I'm pondering this statement that we have, or can, "breed the swarming out of them."

I understand the logic, but I'm still a little leery that we can do this. Instincts run deep. Yes, we've pretty much domesticated the intelligence right out of wild turkeys, but we have't been able to breed the feathers out of them to make for a better butchering process. Losing the intelligence was a cost offset by the gain of large breasts (and I hope no one takes that statement the wrong way!)

I've wondered, many times, why the feral bees have been able to survive, only to be met with experts who continue to tell me there are no feral bees. I'm not sure about that statement either as I've witnessed feral colonies that survived...only to be told that new swarms must have moved in. 

Randy Oliver has an interesting thought on epigenetics, genetic switches that are turned on/off by different environmental ques. Is it possible that it's not genetics and breeding but rather environment and physical stress that determine the survivability?

Interesting thoughts.

Grant
Jackson, MO


----------



## curiousgeorge (Oct 9, 2010)

Thanks for starting this new thread, Yuleluder. 

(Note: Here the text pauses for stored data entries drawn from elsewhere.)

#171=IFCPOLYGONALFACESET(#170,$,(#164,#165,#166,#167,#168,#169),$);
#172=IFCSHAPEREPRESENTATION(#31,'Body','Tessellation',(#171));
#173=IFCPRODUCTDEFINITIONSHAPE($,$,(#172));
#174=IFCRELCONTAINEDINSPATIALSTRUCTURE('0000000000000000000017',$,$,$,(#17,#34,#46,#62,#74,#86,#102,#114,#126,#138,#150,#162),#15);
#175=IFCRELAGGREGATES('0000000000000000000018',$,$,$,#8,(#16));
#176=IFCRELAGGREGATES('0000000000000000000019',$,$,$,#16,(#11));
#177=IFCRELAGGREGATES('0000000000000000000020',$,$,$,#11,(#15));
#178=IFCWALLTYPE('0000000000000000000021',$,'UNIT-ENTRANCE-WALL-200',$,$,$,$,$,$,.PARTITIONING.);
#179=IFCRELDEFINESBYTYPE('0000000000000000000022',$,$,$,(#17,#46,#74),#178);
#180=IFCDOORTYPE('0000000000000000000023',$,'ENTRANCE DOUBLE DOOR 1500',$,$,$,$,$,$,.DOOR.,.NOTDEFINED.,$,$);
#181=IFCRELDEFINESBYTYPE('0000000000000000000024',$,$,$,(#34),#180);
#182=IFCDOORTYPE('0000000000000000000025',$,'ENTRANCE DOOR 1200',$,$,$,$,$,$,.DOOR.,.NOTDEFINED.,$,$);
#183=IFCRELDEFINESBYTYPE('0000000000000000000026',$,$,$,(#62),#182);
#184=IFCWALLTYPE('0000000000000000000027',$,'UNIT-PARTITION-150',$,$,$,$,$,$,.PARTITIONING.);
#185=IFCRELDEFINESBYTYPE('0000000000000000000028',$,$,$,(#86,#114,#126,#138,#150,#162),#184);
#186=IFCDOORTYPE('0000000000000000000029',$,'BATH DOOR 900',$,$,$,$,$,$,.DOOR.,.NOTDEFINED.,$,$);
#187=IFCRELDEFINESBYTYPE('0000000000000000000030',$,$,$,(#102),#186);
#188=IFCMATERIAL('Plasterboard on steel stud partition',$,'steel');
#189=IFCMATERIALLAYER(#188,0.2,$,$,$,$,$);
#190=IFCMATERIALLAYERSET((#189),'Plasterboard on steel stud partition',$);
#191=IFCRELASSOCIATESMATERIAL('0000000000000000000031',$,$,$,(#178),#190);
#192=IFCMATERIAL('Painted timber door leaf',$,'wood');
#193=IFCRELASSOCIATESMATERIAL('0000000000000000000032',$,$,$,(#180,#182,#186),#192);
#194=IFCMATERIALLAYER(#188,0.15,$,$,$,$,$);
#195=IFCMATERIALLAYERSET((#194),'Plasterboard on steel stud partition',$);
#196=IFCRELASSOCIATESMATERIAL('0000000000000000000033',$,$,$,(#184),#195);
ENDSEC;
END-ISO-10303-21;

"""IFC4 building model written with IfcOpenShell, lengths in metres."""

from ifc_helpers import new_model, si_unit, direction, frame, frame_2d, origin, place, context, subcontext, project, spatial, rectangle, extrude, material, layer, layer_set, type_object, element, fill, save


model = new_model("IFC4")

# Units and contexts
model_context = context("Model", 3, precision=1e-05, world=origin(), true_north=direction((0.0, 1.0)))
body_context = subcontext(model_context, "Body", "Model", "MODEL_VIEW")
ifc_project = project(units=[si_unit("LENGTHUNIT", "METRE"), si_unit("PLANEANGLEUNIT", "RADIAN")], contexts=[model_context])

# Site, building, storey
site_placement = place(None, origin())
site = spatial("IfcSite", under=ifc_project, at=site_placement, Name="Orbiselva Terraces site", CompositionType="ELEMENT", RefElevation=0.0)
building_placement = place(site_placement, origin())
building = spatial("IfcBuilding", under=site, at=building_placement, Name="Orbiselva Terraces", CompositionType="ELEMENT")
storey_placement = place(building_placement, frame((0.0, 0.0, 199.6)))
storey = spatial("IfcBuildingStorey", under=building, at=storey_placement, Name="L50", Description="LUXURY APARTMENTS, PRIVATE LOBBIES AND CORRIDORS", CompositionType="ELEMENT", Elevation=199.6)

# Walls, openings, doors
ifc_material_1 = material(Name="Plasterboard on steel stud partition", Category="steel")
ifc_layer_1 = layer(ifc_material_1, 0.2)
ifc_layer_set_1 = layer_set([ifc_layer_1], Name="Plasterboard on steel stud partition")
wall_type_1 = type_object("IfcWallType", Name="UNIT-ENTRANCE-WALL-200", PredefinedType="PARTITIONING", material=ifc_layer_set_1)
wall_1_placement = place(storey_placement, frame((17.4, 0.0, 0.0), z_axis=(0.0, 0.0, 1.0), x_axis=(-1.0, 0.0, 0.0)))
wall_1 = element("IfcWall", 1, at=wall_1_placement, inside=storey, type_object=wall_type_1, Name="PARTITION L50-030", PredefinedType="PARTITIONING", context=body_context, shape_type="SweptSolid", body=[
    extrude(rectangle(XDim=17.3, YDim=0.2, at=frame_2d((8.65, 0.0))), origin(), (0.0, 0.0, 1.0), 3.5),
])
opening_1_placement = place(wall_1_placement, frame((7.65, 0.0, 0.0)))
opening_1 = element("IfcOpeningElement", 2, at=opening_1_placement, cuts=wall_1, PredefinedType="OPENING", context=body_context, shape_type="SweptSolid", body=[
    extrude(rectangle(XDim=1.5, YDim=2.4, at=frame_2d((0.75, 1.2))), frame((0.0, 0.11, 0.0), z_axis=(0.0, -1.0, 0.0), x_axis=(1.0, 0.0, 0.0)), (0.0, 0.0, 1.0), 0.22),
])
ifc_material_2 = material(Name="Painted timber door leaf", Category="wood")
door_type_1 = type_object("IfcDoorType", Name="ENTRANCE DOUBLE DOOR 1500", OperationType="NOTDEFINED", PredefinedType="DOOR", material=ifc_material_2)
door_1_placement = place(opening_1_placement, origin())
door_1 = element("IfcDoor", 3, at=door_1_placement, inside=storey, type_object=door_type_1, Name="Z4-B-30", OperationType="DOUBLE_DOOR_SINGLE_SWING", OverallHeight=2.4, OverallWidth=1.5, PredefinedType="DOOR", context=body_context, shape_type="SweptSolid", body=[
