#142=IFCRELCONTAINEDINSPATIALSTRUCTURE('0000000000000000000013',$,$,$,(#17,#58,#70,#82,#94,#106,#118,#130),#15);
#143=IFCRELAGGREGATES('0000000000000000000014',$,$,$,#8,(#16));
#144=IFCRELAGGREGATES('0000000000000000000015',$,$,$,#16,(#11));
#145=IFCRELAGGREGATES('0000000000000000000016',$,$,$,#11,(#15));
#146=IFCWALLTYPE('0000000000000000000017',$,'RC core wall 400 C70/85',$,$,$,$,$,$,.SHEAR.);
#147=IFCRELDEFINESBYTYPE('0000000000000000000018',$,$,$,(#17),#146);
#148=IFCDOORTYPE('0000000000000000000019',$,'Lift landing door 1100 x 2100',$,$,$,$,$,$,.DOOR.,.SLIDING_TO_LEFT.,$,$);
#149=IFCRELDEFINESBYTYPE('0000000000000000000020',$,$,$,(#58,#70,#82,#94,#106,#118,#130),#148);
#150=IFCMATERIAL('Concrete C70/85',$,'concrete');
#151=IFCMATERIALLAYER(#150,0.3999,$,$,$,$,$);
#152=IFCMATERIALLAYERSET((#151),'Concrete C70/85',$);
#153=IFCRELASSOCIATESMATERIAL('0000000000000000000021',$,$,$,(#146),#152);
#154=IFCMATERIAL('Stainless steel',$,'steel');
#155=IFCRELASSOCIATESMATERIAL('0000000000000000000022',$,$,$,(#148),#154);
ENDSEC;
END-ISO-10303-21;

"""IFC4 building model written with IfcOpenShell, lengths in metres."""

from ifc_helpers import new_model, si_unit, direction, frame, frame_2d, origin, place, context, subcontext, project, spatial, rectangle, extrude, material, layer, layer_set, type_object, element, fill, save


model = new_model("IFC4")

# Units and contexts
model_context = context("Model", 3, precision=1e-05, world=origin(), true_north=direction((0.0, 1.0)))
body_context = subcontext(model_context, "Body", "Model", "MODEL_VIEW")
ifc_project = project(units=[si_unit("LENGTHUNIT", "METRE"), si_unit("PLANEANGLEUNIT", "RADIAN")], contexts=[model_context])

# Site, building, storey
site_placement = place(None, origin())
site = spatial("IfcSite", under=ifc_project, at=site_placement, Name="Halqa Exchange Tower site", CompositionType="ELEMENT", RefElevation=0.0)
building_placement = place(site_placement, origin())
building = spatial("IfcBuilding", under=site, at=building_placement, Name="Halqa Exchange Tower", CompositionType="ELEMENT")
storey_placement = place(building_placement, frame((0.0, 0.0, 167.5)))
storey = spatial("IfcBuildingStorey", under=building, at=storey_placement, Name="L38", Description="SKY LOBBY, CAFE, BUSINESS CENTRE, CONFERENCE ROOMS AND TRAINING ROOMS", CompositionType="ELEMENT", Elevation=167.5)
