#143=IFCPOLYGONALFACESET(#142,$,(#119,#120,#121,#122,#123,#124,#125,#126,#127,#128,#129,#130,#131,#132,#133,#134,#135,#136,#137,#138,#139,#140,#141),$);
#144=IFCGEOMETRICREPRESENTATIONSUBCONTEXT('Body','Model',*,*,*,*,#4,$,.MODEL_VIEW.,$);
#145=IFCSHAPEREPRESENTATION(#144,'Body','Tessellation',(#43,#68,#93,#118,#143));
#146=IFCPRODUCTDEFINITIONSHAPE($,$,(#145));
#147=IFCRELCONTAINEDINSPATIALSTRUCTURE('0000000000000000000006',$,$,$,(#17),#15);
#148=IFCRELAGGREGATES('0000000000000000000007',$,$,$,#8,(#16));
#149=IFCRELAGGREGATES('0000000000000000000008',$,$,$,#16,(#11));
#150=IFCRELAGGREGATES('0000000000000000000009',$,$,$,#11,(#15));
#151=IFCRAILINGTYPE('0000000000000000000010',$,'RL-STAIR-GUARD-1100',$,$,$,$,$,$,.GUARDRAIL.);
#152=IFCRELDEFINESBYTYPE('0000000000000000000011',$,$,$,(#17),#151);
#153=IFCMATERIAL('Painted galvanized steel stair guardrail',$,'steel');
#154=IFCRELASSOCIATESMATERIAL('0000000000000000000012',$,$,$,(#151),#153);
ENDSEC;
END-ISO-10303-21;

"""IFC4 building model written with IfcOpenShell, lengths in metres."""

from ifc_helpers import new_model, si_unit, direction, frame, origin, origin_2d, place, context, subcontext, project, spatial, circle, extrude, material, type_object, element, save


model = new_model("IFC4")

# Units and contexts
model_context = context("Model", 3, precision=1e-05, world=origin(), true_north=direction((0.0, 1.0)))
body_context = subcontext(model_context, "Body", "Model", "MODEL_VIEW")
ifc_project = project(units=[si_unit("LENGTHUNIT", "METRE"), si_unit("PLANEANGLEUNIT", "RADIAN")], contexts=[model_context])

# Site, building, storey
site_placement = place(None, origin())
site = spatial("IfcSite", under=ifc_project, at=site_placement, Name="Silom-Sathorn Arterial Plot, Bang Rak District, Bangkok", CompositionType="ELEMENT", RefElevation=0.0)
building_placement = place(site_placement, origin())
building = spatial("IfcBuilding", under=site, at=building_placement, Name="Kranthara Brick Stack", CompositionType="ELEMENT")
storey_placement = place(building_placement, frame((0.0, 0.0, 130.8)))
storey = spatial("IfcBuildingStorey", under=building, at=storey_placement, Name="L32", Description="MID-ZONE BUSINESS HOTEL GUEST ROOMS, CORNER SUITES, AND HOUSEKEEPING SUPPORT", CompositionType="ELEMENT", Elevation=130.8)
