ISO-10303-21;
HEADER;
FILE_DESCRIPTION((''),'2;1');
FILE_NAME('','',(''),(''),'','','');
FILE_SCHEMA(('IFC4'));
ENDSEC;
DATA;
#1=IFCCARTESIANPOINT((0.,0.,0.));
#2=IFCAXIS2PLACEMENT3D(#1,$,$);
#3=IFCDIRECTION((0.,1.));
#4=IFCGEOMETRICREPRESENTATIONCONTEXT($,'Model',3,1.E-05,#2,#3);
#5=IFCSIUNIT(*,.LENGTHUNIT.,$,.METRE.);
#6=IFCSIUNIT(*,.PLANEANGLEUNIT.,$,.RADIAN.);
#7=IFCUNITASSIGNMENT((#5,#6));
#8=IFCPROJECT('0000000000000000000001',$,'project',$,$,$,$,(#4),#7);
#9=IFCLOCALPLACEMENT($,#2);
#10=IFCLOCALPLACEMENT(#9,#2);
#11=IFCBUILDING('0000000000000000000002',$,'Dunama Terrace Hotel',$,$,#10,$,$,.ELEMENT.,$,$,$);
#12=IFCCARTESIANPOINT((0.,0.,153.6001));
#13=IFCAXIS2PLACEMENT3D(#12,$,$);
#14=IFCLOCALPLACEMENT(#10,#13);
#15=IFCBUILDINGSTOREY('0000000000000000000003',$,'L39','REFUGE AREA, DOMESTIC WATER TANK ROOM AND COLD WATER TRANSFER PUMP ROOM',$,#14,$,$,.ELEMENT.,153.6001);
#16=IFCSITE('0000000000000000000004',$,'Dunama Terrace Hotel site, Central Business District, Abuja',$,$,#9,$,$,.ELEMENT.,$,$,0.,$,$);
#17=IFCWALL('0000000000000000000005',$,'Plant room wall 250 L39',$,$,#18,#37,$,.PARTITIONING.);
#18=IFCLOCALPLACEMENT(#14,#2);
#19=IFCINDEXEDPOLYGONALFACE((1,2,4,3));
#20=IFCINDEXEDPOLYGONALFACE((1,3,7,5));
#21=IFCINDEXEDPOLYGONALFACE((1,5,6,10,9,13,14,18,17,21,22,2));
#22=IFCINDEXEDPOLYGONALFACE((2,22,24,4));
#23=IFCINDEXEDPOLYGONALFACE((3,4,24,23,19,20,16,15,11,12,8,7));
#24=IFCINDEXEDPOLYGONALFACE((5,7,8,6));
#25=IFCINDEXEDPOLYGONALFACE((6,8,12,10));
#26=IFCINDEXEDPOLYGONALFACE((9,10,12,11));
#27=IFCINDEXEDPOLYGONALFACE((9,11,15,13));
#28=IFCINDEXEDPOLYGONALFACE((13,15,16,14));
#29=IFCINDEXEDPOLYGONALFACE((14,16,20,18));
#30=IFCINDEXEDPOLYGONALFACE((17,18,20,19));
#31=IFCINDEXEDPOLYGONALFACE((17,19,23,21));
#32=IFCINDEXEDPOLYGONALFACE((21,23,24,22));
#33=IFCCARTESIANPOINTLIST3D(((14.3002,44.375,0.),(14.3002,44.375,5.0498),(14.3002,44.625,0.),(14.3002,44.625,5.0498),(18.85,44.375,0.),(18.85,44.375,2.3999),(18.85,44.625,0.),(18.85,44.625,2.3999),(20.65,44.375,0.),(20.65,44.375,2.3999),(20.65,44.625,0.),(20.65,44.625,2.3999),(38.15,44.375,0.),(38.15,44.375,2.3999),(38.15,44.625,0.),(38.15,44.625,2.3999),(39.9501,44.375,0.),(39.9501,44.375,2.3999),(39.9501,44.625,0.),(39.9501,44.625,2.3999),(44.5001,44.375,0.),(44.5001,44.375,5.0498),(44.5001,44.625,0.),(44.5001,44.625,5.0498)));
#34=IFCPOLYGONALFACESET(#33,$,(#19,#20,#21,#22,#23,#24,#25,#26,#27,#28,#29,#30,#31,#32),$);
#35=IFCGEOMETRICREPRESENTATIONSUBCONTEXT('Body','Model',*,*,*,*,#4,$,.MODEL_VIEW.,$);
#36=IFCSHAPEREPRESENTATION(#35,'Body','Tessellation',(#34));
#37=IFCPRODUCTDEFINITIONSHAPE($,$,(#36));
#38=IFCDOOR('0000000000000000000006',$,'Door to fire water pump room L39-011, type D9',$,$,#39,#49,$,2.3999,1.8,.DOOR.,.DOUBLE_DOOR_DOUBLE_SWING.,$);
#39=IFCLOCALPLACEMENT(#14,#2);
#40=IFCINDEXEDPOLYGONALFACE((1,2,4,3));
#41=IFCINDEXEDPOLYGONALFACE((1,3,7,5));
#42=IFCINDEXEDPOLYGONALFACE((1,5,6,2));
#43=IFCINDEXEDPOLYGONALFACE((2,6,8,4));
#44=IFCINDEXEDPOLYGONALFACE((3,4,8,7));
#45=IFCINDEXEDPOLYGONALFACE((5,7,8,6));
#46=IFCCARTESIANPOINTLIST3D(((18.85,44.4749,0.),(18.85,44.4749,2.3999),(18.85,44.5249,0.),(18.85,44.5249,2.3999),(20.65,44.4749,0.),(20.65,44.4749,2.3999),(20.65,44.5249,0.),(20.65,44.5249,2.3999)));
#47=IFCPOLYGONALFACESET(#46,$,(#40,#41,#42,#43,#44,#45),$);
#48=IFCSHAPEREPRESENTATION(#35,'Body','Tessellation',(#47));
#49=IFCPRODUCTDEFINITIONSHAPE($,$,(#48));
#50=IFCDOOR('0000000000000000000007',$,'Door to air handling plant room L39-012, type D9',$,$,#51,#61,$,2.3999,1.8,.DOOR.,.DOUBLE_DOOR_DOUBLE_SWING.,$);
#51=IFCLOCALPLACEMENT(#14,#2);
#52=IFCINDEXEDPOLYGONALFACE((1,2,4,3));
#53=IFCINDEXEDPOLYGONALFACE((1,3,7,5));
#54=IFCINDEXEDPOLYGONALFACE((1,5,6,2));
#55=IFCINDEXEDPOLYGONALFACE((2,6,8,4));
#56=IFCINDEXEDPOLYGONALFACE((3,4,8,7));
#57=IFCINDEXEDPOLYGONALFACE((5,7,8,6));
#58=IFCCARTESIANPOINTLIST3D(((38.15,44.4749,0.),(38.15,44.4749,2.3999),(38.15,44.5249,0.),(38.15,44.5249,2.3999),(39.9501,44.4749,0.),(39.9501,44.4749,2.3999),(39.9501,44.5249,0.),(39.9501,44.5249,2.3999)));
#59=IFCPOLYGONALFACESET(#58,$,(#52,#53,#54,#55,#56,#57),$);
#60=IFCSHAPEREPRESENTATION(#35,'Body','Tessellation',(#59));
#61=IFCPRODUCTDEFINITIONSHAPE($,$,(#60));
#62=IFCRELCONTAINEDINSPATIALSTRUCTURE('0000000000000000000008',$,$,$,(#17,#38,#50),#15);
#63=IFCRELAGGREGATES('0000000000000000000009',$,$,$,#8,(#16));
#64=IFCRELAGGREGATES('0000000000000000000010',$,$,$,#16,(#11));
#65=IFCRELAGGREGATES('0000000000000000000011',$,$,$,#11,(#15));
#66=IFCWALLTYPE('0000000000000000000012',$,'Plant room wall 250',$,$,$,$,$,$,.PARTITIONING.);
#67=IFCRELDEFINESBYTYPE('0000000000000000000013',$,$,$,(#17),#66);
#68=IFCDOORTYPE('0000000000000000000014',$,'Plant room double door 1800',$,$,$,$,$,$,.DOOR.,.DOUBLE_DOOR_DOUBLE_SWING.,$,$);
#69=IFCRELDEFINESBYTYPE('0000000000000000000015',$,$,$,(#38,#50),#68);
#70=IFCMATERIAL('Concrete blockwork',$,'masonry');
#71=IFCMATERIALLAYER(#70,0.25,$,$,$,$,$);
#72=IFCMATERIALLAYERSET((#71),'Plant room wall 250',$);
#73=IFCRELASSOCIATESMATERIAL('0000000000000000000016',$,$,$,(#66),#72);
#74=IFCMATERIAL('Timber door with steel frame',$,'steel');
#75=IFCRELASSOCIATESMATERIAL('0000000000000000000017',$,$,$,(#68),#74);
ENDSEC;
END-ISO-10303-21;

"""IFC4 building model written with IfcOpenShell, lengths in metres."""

from ifc_helpers import new_model, si_unit, direction, frame, frame_2d, origin, place, context, subcontext, project, spatial, rectangle, extrude, material, layer, layer_set, type_object, element, fill, save


model = new_model("IFC4")

# Units and contexts
model_context = context("Model", 3, precision=1e-05, world=origin(), true_north=direction((0.0, 1.0)))
body_context = subcontext(model_context, "Body", "Model", "MODEL_VIEW")
ifc_project = project(units=[si_unit("LENGTHUNIT", "METRE"), si_unit("PLANEANGLEUNIT", "RADIAN")], contexts=[model_context])

# Site, building, storey
site_placement = place(None, origin())
site = spatial("IfcSite", under=ifc_project, at=site_placement, Name="Dunama Terrace Hotel site, Central Business District, Abuja", CompositionType="ELEMENT", RefElevation=0.0)
building_placement = place(site_placement, origin())
building = spatial("IfcBuilding", under=site, at=building_placement, Name="Dunama Terrace Hotel", CompositionType="ELEMENT")
storey_placement = place(building_placement, frame((0.0, 0.0, 153.6001)))
storey = spatial("IfcBuildingStorey", under=building, at=storey_placement, Name="L39", Description="REFUGE AREA, DOMESTIC WATER TANK ROOM AND COLD WATER TRANSFER PUMP ROOM", CompositionType="ELEMENT", Elevation=153.6001)

# Wall, openings, doors
ifc_material_1 = material(Name="Concrete blockwork", Category="masonry")
ifc_layer_1 = layer(ifc_material_1, 0.25)
ifc_layer_set_1 = layer_set([ifc_layer_1], Name="Plant room wall 250")
wall_type = type_object("IfcWallType", Name="Plant room wall 250", PredefinedType="PARTITIONING", material=ifc_layer_set_1)
wall_placement = place(storey_placement, frame((14.3, 44.5, 0.0), z_axis=(0.0, 0.0, 1.0), x_axis=(1.0, 0.0, 0.0)))
wall = element("IfcWall", 1, at=wall_placement, inside=storey, type_object=wall_type, Name="Plant room wall 250 L39", PredefinedType="PARTITIONING", context=body_context, shape_type="SweptSolid", body=[
    extrude(rectangle(XDim=30.2, YDim=0.25, at=frame_2d((15.1001, 0.0))), origin(), (0.0, 0.0, 1.0), 5.0498),
])
opening_1_placement = place(wall_placement, frame((4.55, 0.0, 0.0)))
opening_1 = element("IfcOpeningElement", 2, at=opening_1_placement, cuts=wall, PredefinedType="OPENING", context=body_context, shape_type="SweptSolid", body=[
    extrude(rectangle(XDim=1.8, YDim=2.3999, at=frame_2d((0.8999, 1.2))), frame((0.0, 0.135, 0.0), z_axis=(0.0, -1.0, 0.0), x_axis=(1.0, 0.0, 0.0)), (0.0, 0.0, 1.0), 0.27),
])
opening_2_placement = place(wall_placement, frame((23.8501, 0.0, 0.0)))
opening_2 = element("IfcOpeningElement", 3, at=opening_2_placement, cuts=wall, PredefinedType="OPENING", context=body_context, shape_type="SweptSolid", body=[
    extrude(rectangle(XDim=1.8, YDim=2.3999, at=frame_2d((0.8999, 1.2))), frame((0.0, 0.135, 0.0), z_axis=(0.0, -1.0, 0.0), x_axis=(1.0, 0.0, 0.0)), (0.0, 0.0, 1.0), 0.27),
])
ifc_material_2 = material(Name="Timber door with steel frame", Category="steel")
door_type = type_object("IfcDoorType", Name="Plant room double door 1800", OperationType="DOUBLE_DOOR_DOUBLE_SWING", PredefinedType="DOOR", material=ifc_material_2)
door_1_placement = place(opening_1_placement, origin())
door_1 = element("IfcDoor", 4, at=door_1_placement, inside=storey, type_object=door_type, Name="Door to fire water pump room L39-011, type D9", OperationType="DOUBLE_DOOR_DOUBLE_SWING", OverallHeight=2.3999, OverallWidth=1.8, PredefinedType="DOOR", context=body_context, shape_type="SweptSolid", body=[
    extrude(rectangle(XDim=1.8, YDim=2.3999, at=frame_2d((0.8999, 1.2))), frame((0.0, 0.0249, 0.0), z_axis=(0.0, -1.0, 0.0), x_axis=(1.0, 0.0, 0.0)), (0.0, 0.0, 1.0), 0.05),
])
fill(opening_1, door_1)
door_2_placement = place(opening_2_placement, origin())
door_2 = element("IfcDoor", 5, at=door_2_placement, inside=storey, type_object=door_type, Name="Door to air handling plant room L39-012, type D9", OperationType="DOUBLE_DOOR_DOUBLE_SWING", OverallHeight=2.3999, OverallWidth=1.8, PredefinedType="DOOR", context=body_context, shape_type="SweptSolid", body=[
    extrude(rectangle(XDim=1.8, YDim=2.3999, at=frame_2d((0.8999, 1.2))), frame((0.0, 0.0249, 0.0), z_axis=(0.0, -1.0, 0.0), x_axis=(1.0, 0.0, 0.0)), (0.0, 0.0, 1.0), 0.05),
])
fill(opening_2, door_2)

save(model, "model.ifc")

The mention about turkeys... my girlfriend was just reading a book about so-called "back to the land" farming, and apparently the instinct to MATE & REPRODUCE has been bred out of them!! The authors put a bunch of time & energy into convincing their turkeys that "doing it" was a good idea!

This thought has been nagging at me... and I'd be interested to hear what queen breeders & commercial operators have to say... 

Should we allow our bees to raise their own queens?

I know from a honey production/business standpoint this sets a colony back incredibly. But something also seems off about pinching any queen cell you see.
Someone said in the aforementioned "Emergency Queen" thread, that bees in nature seldom are seen raising an emergency queen cell, that most times they are prepared and planning to raise a new queen. 

Is there some way of capitalizing on their preparations & planning to breed high-quality queens, both from the beekeeping standpoint & the bees' own evolutionary standpoint? I'm hoping the pros can comment on this...


----------



## David LaFerney (Jan 14, 2009)

Not to hijack the spirit of the thread, but survival instincts weren't *bred* out of the *wild* turkey genome. 

Not long ago (20 years or so) wild turkeys were extinct in my area. Our excellent TN State Wildlife Resources Agency decided to restock them. They tried hatching eggs from wild birds. They tried stocking pen raised birds from wild stock. None of that worked - they couldn't survive on their own. Finally they introduced a breeding population of captured wild turkeys - that worked. Now - years later - they're plentiful. 

Survival skills for eastern wild turkeys are apparently passed on culturally generation to generation. 

I seriously doubt if that's the case with bees. I know that's not the point, but what are ya gonna do?


----------



## Bonterra Bees (Aug 30, 2009)

With sincere, due respect to those who’s mortgages depend on honey production and bee products. 
I've had bees and Observation hives since I was a kid. I don't have them to produce excess honey. I must say I have tremendous respect and admiration for bees and _*I have learned a great deal from them about life and nature and cooperation, I don’t think they’ve ever learned anything from me*_. At times I’ve mostly inconvenienced them when I tried to make them do what I wanted them to do and I feel responsible when I screw up their lives.
Mark


----------



## Birdman (May 8, 2009)

:applause::applause::applause:


----------



## Broke-T (Jul 9, 2008)

"The mention about turkeys... my girlfriend was just reading a book about so-called "back to the land" farming, and apparently the instinct to MATE & REPRODUCE has been bred out of them!! The authors put a bunch of time & energy into convincing their turkeys that "doing it" was a good idea!"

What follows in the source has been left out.